Adopted from a restraunt that had to shut down. Is this a Black Yellowtail Acei or something else. Can you tell if it's male of female? It's about 2.25"-2.5"


----------



## Wspchef2001 (Mar 6, 2012)

Maybe a female Pseudotropheus sp. "Elongatus Yellowtail" or Pseudotropheus sp. "Elongatus Mpanga"?
Please help!! If it is a female I need to get it out FAST!!! I have an all male tank.


----------



## Fogelhund (Dec 3, 2002)

Looks to be a hybrid. Can't tell gender for certain, but leaning towards male.


----------



## Wspchef2001 (Mar 6, 2012)

Fogelhund said:


> Looks to be a hybrid. Can't tell gender for certain, but leaning towards male.


Thanks for the quick reply! Dang hybrids are everywhere. I really hope it's a male. Do I need to vent it?


----------



## GTZ (Apr 21, 2010)

Ps. sp. 'acei' (Itungi)? Looks malnourished, sunken belly.


----------



## Fogelhund (Dec 3, 2002)

GTZ said:


> Ps. sp. 'acei' (Itungi)?


Looks somewhat like, but I don't think so.


----------



## Wspchef2001 (Mar 6, 2012)

I'll try and get some better pics now and post.


----------



## Wspchef2001 (Mar 6, 2012)

Fogelhund said:


> GTZ said:
> 
> 
> > Ps. sp. 'acei' (Itungi)?
> ...


Why don't you think so? I looked at GTZ's tank and mine looks like the ones he has. 
It will only eat very little food I try and give it. I feed NLS only. Hope he makes it. An awesome fish.


----------



## Wspchef2001 (Mar 6, 2012)

I got it from a restraunt that had a bad tank and I meen bad. He's a rescue.


----------



## nmcichlid-aholic (Mar 23, 2011)

If you are introducing a fish from a questionable source (chain stores, "bad restaurant" tank, etc.), you should always use a quarantine or hospital tank until you are satisfied with the condition of the new fish. It is heart breaking to lose your established, healthy collection of fish to a disease that could have been avoided. I'm speaking from experience, and I now run ALL new fish through my grow-out/hospital tank for at least a month before they go into the main tank. Just some friendly advice - and a good reason to set up another tank if you don't have one!


----------



## Wspchef2001 (Mar 6, 2012)

nmcichlid-aholic said:


> If you are introducing a fish from a questionable source (chain stores, "bad restaurant" tank, etc.), you should always use a quarantine or hospital tank until you are satisfied with the condition of the new fish. It is heart breaking to lose your established, healthy collection of fish to a disease that could have been avoided. I'm speaking from experience, and I now run ALL new fish through my grow-out/hospital tank for at least a month before they go into the main tank. Just some friendly advice - and a good reason to set up another tank if you don't have one!

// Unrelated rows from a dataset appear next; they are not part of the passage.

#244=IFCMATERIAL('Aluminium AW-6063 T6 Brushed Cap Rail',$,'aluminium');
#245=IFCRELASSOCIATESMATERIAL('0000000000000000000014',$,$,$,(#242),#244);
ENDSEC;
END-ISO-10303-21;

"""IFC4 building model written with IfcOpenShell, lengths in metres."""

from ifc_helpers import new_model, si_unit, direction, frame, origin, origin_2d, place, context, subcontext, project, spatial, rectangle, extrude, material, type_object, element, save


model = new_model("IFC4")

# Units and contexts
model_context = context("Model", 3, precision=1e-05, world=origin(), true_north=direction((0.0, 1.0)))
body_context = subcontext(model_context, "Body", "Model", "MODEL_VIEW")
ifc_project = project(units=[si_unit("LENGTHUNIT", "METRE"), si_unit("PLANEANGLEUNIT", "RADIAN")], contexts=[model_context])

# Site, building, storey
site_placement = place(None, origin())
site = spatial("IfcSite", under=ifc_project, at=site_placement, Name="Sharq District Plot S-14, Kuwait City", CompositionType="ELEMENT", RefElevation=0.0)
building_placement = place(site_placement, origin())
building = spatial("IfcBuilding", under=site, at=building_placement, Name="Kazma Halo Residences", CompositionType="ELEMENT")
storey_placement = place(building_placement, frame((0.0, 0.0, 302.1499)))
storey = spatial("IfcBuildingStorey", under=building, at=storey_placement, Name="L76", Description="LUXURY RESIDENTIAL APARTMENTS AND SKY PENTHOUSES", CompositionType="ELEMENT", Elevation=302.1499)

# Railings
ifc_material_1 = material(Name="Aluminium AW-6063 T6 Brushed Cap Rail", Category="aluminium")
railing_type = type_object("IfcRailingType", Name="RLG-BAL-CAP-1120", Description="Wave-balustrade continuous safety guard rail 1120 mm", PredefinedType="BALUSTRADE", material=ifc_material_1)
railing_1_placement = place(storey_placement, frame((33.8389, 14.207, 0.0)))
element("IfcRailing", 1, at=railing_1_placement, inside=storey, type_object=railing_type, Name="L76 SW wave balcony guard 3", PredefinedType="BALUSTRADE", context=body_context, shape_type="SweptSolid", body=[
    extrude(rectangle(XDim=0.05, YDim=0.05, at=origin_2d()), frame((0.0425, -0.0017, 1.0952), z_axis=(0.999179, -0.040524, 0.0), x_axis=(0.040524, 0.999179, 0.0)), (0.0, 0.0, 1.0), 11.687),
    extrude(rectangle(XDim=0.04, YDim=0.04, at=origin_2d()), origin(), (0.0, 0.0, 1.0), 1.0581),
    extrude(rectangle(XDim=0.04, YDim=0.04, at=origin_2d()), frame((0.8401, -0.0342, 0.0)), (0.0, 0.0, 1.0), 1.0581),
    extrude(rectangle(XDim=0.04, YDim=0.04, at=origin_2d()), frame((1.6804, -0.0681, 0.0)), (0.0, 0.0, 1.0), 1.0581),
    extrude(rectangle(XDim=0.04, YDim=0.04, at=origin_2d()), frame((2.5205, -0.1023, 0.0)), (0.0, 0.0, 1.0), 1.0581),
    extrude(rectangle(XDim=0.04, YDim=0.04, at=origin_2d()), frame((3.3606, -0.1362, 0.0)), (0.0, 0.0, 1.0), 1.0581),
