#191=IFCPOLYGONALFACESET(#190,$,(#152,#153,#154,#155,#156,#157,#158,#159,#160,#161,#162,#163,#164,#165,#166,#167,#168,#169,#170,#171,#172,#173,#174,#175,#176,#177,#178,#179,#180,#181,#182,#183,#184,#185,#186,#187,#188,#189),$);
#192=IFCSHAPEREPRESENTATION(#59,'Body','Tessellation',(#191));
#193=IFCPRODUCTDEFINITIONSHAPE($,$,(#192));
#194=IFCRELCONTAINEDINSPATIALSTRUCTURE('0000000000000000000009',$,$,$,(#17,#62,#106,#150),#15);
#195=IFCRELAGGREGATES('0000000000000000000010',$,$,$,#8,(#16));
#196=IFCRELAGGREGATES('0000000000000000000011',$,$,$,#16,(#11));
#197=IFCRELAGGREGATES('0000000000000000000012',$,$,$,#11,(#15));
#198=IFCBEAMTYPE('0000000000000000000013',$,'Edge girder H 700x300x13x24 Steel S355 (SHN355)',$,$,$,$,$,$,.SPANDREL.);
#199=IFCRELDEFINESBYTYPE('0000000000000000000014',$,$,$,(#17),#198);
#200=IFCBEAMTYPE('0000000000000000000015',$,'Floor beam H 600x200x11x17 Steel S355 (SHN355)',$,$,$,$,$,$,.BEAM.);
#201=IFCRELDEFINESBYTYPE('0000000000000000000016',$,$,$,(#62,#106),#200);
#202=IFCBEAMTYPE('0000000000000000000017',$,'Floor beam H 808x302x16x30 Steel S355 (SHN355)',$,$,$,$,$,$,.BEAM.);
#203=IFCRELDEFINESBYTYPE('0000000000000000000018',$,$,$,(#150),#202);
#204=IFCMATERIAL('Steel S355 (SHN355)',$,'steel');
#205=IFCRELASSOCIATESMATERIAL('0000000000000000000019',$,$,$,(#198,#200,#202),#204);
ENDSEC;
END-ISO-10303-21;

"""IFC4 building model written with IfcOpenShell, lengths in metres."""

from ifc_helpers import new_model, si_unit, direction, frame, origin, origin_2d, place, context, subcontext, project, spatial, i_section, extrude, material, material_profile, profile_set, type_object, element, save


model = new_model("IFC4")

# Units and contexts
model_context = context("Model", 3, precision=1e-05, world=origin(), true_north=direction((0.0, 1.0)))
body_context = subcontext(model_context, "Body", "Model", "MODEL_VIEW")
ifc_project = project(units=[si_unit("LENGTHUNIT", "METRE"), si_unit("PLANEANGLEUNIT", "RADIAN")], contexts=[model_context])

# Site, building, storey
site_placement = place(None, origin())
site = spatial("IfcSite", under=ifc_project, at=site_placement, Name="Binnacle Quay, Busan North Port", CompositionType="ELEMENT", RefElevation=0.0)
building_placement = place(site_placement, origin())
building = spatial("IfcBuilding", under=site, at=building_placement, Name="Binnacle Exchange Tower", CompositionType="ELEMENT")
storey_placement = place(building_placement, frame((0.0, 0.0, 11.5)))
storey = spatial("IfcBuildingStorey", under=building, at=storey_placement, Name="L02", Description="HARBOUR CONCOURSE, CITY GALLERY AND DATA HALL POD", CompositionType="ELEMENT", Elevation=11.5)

Thanks for the advise nmcichlid-aholic. I actually have 2 hospital tanks and a community tank. The two Hosp tanks are a 10g and a 30g. The community tank is a 29g. My main tank is a 55g with 200lbs. of rock.

It's in my 30g and will stay there for at least a month until I know what it is and it's healthy.


----------



## Wspchef2001 (Mar 6, 2012)

Some new pics. 
Don't mind the crazy plants. They are for my daughter. The other pics I took out the decor.


----------



## Storiwyr (Apr 24, 2012)

Looking better already! I have no idea what it is, but it's a really cool looking fish.


----------



## Wspchef2001 (Mar 6, 2012)

Storiwyr said:


> Looking better already! I have no idea what it is, but it's a really cool looking fish.


Thanks I try my best to keep my fish healthy!! Wish I could figure out what it is.


----------



## jfarmer1991 (Dec 4, 2020)

It's not a hybrid, it's a psudotropheus Tanzania acei


----------



## jfarmer1991 (Dec 4, 2020)

I got this information on it so you know how big it gets and everything about it :

Acei "Tanzania" comes from from Lake Malawi and grows to around 18cm in length. It dwells in shallower waters, however it will sometimes go near the surface, which is very uncommon for Mbunas. It prefers the sandy and rock filled shoreline where sunken logs are easily accessed. This species has developed the advantage of being able to harvest algae from submerged logs and roots. They are equipped with typical Gephyrochromid cuspid-like teeth that are flat for removing epixlyic or epilithic algae from wood. In the lake, schools of 30-50 individuals surrounding a large log are not uncommon, however in the rocky areas; schools usually consist of 3-10 individuals. Adults have black body with bright yellow tail. A reflective blue sheen is sometimes visible on certain angles.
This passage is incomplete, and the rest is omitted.